In the diagram above, by the inscribed angle theorem, the angles at $z_1,z_2$ are equal because they subtend the same chord $z_3z_4$. If $z_1,z_2$ are on opposite sides of the chord the sum of the subtended angles is $\pi$.
Recalling that $\text{arg}\frac{w}{z}$ is the angle between $w$ and $z$,
in the first case (angles equal),
$$\text{arg}\frac{z_1-z_3}{z_1-z_4}=\alpha=\text{arg}\frac{z_2-z_3}{z_2-z_4}.$$
and from there we see that $\text{arg}(z_1,z_2,z_3,z_4)=0 \implies (z_1,z_2,z_3,z_4)\in\mathbb{R}$.
The argument is similar if $z_1,z_2$ are on opposite sides of the chord.

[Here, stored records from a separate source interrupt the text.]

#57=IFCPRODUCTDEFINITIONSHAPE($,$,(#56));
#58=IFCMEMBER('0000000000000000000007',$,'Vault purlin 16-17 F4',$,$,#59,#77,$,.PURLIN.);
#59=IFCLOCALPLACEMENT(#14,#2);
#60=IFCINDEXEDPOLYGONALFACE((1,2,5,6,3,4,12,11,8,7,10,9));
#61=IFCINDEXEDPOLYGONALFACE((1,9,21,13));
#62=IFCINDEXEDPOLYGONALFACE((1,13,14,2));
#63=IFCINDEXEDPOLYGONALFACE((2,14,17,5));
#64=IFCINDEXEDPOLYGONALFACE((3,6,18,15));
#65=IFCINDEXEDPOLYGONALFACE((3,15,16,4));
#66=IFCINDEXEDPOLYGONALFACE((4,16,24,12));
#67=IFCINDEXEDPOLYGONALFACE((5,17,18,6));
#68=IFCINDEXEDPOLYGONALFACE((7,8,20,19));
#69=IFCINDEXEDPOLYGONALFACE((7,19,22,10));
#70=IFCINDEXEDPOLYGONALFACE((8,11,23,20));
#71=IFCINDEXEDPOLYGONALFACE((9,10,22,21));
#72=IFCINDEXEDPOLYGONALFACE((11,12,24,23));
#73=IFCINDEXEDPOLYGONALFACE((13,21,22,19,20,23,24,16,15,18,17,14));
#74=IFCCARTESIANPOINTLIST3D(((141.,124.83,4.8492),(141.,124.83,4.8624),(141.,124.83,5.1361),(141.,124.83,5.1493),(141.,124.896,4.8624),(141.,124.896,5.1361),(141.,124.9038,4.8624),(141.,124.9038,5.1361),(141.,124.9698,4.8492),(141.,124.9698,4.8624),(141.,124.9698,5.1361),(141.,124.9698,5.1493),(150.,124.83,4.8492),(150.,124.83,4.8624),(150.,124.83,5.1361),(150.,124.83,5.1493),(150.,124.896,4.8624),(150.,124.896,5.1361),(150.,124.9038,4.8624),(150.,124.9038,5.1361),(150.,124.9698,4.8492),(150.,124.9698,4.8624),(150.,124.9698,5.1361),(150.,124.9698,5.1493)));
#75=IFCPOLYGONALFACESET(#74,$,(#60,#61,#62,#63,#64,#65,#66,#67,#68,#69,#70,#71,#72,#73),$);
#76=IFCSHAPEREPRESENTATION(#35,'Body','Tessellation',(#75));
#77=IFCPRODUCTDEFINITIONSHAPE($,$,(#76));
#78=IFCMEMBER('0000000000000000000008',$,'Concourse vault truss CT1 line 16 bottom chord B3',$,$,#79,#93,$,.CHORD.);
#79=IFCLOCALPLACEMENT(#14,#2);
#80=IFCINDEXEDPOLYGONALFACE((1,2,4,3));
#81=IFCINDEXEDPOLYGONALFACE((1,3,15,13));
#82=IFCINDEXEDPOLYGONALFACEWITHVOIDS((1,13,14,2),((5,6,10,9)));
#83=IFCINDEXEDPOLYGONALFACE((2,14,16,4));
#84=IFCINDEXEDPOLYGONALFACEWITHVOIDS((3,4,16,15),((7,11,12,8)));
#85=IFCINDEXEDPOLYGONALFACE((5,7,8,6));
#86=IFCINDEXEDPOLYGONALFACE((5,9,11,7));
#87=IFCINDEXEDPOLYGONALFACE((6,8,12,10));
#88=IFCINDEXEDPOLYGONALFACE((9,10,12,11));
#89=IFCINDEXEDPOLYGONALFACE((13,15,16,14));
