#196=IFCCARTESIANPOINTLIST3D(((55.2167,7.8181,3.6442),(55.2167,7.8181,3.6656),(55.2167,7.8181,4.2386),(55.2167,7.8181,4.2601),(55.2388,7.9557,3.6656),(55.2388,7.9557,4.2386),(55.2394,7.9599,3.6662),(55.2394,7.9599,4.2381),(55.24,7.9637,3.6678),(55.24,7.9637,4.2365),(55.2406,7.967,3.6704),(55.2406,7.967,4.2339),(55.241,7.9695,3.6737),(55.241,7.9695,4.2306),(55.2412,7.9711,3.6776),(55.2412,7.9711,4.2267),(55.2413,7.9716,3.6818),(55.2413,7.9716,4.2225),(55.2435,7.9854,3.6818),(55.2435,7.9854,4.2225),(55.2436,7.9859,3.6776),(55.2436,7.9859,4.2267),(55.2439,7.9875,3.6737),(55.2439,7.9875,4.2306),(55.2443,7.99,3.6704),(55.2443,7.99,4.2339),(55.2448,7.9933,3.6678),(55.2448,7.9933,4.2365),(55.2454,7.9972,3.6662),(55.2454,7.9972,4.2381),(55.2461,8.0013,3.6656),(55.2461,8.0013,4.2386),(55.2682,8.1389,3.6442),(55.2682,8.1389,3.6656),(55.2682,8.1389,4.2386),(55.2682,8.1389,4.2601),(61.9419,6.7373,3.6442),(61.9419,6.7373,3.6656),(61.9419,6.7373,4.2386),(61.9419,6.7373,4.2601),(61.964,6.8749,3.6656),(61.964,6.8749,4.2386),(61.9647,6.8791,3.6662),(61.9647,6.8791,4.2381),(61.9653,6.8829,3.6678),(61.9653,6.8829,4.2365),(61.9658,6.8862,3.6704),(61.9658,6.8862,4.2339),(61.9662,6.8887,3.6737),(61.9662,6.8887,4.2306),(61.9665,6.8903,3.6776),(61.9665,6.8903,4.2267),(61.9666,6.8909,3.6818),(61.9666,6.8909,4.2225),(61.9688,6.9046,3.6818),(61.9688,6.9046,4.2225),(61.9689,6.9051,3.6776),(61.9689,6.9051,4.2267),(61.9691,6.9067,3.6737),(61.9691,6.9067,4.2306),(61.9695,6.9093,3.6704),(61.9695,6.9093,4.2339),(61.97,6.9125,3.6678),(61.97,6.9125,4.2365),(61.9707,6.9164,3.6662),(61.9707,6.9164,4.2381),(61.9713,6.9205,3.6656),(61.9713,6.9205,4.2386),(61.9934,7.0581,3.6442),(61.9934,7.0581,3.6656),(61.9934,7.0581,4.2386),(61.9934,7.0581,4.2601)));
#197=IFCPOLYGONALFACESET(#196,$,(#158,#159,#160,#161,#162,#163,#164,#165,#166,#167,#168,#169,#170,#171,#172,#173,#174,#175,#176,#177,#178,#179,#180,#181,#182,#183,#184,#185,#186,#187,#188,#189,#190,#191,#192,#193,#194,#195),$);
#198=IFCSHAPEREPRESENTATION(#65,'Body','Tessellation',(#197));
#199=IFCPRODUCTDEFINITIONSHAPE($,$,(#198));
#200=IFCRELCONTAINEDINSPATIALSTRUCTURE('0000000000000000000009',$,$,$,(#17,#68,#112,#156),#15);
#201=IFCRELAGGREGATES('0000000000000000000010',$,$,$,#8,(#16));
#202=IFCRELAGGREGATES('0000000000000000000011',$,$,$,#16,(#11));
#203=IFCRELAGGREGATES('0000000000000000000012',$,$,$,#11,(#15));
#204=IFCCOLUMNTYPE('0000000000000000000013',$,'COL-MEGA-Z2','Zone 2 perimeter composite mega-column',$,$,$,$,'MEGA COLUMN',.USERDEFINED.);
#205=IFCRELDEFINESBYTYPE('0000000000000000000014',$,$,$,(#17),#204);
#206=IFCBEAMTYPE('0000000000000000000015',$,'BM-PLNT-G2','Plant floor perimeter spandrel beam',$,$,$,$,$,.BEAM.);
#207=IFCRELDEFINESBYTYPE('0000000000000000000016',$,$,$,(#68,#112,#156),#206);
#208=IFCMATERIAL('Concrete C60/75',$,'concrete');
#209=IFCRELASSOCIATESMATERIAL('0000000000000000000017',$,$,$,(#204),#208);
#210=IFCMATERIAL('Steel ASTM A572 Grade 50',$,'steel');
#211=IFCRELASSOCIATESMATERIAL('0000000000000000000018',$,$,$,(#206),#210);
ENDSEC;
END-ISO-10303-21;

To go in the other direction we observe that
$(z_1,z_2,z_3,z_4)\in\mathbb{R}\implies \text{arg}(z_1,z_2,z_3,z_4)=0 \text{ or }\pi,$ and therefore the angles at $z_1,z_2$ subtended by the segment $z_3z_4$ are either equal or supplementary. In either case we can conclude that the points are either collinear or concyclic.
Bonus mnemonic. The cross ratio formula can be difficult to remember, whether it is for the complex plane, or for collinear points in projective geometry. This geometric interpretation gives a good mnemonic. In the diagram there are two paths to get from $z_3$ to $z_4$ via the other points: $z_3\to z_1\to z_4$, and $z_3\to z_2\to z_4$. For each path take the ratios of the path segments, and then the ratio of these ratios:
$$ \frac{z_3\to z_1}{z_1\to z_4}:\frac{z_3\to z_2}{z_2\to z_4}$$
Rewriting $w\to z$ as $w-z$ we get (*)
$$ \frac{z_3-z_1}{z_1-z_4}:\frac{z_3-z_2}{z_2-z_4},$$
which is equivalent to Ahlfors' definition
$$ \frac{z_1-z_3}{z_1-z_4}:\frac{z_2-z_3}{z_2-z_4}.$$
(*) Technically, instead of $w-z$ we should have rewritten $w\to z$ in 'vector' style as $z-w$ but $z-w=-(w-z)$ and all the minus signs cancel. This way we get a cross ratio formula that's easy to 'read' as two paths from $z_3$ to $z_4$.